# Mr. Murphy is the name!



## cdtrum (Aug 25, 2008)

Here are some pics of my little guy.......he is such a lover! I thank Jenna and her family for giving him such a wonderful, loving start in life  !.......he and his brothers were checking out the pasture.....the pics don't show it, but he is much littler then the big guys!


----------



## kelebek (Oct 5, 2007)

He is a CUTIE!!! Congrats!


----------



## FunnyRiverFarm (Sep 13, 2008)

Awww  I'm glad to see they're getting along so well together.


----------



## Coraxfeather (Oct 9, 2008)

Congratz


----------



## sweetgoats (Oct 18, 2007)

Congratulations, What a doll.


----------



## RowdyKidz (Apr 2, 2009)

Congrats! :clap:


----------



## badnewsboers (May 9, 2008)

What a cutie.


----------



## shadycreekgoats (Mar 23, 2009)

Adorable!!!


----------



## StaceyRosado (Oct 5, 2007)

I didnt know he was buckskin - cute


----------



## Jenna (Jan 7, 2009)

he looks soooooooooo happy ( and cute of course!!!!!)


----------



## liz (Oct 5, 2007)

He looks quite content!
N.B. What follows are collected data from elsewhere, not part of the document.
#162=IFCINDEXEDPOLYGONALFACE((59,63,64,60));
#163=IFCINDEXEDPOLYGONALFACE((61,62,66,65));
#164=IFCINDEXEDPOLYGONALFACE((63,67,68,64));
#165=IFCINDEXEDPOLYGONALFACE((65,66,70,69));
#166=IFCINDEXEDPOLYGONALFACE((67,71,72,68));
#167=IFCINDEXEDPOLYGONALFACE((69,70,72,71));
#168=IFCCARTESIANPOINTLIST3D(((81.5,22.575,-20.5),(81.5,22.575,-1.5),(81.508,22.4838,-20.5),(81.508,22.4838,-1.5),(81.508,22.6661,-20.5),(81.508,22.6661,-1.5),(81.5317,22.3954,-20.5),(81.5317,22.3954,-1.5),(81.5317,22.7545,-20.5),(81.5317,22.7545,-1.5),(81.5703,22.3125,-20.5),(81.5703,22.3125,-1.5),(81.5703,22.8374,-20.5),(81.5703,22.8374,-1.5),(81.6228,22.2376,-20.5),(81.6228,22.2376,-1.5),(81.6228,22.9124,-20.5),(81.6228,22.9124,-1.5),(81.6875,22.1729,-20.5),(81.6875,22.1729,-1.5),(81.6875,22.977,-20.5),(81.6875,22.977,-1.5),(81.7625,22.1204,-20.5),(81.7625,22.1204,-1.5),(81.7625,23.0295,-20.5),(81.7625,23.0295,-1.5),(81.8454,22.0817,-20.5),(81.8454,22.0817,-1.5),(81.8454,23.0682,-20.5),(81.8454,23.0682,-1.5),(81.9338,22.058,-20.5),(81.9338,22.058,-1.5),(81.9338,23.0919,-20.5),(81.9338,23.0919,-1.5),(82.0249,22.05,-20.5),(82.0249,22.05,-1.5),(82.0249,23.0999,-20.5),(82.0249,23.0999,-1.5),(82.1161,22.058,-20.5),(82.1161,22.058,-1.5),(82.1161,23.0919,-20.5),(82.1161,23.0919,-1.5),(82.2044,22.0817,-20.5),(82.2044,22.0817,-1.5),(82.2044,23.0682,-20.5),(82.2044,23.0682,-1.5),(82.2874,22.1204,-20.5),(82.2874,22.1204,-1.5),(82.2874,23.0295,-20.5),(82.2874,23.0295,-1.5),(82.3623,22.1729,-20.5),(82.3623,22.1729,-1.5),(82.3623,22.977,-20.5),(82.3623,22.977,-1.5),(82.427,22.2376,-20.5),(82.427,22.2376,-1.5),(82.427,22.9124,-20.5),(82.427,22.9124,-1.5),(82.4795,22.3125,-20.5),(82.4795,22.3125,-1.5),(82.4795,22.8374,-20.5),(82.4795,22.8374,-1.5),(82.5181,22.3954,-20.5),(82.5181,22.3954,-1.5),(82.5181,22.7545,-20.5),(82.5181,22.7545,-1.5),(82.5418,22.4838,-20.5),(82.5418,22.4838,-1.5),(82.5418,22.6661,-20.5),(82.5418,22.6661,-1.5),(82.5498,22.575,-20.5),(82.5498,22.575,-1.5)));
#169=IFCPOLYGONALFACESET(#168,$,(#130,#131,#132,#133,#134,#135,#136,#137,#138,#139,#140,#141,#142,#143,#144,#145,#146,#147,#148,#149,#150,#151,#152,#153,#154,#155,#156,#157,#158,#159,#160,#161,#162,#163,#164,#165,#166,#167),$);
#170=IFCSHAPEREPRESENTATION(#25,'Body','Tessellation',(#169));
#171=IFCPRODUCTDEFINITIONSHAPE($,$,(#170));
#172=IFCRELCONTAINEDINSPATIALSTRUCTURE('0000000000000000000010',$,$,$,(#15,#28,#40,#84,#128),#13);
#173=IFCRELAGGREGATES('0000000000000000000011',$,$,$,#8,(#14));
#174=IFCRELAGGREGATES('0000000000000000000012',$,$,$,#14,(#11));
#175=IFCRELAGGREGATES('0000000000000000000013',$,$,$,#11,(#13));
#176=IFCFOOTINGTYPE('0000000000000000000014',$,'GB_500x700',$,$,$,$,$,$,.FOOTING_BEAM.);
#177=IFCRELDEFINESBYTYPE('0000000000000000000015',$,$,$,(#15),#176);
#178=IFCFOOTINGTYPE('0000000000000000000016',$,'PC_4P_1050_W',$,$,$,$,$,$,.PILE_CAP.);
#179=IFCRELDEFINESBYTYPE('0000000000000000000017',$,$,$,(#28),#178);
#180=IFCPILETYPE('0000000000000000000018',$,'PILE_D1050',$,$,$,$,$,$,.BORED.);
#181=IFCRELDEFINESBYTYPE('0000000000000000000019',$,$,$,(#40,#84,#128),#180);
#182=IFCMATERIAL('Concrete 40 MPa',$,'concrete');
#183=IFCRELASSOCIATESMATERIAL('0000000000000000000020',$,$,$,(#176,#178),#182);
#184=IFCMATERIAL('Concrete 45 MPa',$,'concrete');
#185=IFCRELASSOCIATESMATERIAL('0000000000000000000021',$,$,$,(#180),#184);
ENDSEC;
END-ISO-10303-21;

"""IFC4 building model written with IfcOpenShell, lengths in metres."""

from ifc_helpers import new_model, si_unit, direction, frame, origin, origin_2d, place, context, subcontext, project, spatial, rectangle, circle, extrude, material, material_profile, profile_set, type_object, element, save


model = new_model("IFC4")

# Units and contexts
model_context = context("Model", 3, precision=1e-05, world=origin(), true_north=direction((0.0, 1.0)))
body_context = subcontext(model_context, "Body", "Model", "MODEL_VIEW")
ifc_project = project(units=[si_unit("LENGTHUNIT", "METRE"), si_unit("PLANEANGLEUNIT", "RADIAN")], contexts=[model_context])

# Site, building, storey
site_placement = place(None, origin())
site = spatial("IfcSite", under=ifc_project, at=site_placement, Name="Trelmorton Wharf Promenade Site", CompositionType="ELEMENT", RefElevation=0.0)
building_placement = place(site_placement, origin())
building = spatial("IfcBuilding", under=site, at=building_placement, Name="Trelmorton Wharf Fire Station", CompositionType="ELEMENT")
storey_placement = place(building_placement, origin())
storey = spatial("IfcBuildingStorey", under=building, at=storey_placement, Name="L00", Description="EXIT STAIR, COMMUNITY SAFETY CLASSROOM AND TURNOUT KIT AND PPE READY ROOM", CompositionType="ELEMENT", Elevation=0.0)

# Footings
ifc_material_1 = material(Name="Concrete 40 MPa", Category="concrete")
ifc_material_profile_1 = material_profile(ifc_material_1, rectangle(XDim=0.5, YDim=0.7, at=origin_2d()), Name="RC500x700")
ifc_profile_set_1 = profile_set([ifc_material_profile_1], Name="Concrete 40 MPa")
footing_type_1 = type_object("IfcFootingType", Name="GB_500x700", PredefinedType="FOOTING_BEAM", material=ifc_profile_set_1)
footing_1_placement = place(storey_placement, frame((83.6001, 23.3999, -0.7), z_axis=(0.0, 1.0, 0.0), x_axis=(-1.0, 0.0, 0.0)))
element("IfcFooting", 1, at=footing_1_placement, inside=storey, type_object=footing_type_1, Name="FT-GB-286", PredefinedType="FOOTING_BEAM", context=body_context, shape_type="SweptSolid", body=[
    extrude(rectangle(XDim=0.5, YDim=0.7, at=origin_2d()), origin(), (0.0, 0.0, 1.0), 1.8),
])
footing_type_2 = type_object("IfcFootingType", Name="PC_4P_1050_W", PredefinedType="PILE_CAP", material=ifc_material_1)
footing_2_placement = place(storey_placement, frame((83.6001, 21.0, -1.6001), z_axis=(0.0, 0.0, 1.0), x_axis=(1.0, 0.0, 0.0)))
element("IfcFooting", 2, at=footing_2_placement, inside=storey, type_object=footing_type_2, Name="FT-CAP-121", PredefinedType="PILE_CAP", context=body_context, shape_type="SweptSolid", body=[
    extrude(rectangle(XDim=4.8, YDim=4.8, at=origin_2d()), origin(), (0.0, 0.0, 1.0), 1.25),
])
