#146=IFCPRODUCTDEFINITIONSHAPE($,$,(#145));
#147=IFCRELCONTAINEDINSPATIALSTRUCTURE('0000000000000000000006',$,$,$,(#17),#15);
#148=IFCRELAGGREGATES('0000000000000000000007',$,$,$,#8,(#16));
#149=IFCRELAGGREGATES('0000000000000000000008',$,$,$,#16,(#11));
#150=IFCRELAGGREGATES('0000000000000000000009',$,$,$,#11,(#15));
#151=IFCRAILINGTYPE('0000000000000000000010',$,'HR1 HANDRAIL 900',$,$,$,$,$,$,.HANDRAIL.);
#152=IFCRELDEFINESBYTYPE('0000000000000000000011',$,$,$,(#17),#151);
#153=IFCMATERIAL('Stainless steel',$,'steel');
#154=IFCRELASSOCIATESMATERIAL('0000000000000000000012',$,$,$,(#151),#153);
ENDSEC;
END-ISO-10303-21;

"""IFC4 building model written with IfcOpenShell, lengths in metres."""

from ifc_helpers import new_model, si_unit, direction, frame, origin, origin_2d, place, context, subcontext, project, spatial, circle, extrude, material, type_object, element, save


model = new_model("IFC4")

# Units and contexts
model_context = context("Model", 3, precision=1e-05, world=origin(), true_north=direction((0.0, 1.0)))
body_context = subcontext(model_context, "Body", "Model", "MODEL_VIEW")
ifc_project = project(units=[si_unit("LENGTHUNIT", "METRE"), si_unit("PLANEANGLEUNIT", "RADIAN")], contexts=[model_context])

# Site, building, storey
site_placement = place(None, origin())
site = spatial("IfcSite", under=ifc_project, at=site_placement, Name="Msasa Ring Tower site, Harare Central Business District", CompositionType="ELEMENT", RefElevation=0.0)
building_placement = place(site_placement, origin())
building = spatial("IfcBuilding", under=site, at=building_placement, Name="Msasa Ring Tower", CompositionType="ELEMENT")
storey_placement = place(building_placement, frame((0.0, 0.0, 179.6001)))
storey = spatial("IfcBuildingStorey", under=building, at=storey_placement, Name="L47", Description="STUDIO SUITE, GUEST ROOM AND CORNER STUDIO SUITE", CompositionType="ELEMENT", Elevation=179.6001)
And is fitting in very well! :leap:


----------



## cdtrum (Aug 25, 2008)

Yeah Stacey.......I didn't know what his coloring was called until I saw it on his papers that Jenna gave me, tells you how much I know about goats :doh: ! All I know is I love them  !
Every day he and the big guys are getting more and more use to each other, although today Jake my head boy kinda grabbed at Murphy.....I scolded Jake, didn't know if I should or not.....I just reacted. I still have not put him in the big guys pen at night.....vet said to hold off a little longer.
Thanks for all the kind words.....we do think he is pretty darn cute! Denise


----------



## toth boer goats (Jul 20, 2008)

they are really nice looking goaties.....and they look so happy... in all that pretty green area.. :wink: :greengrin:


----------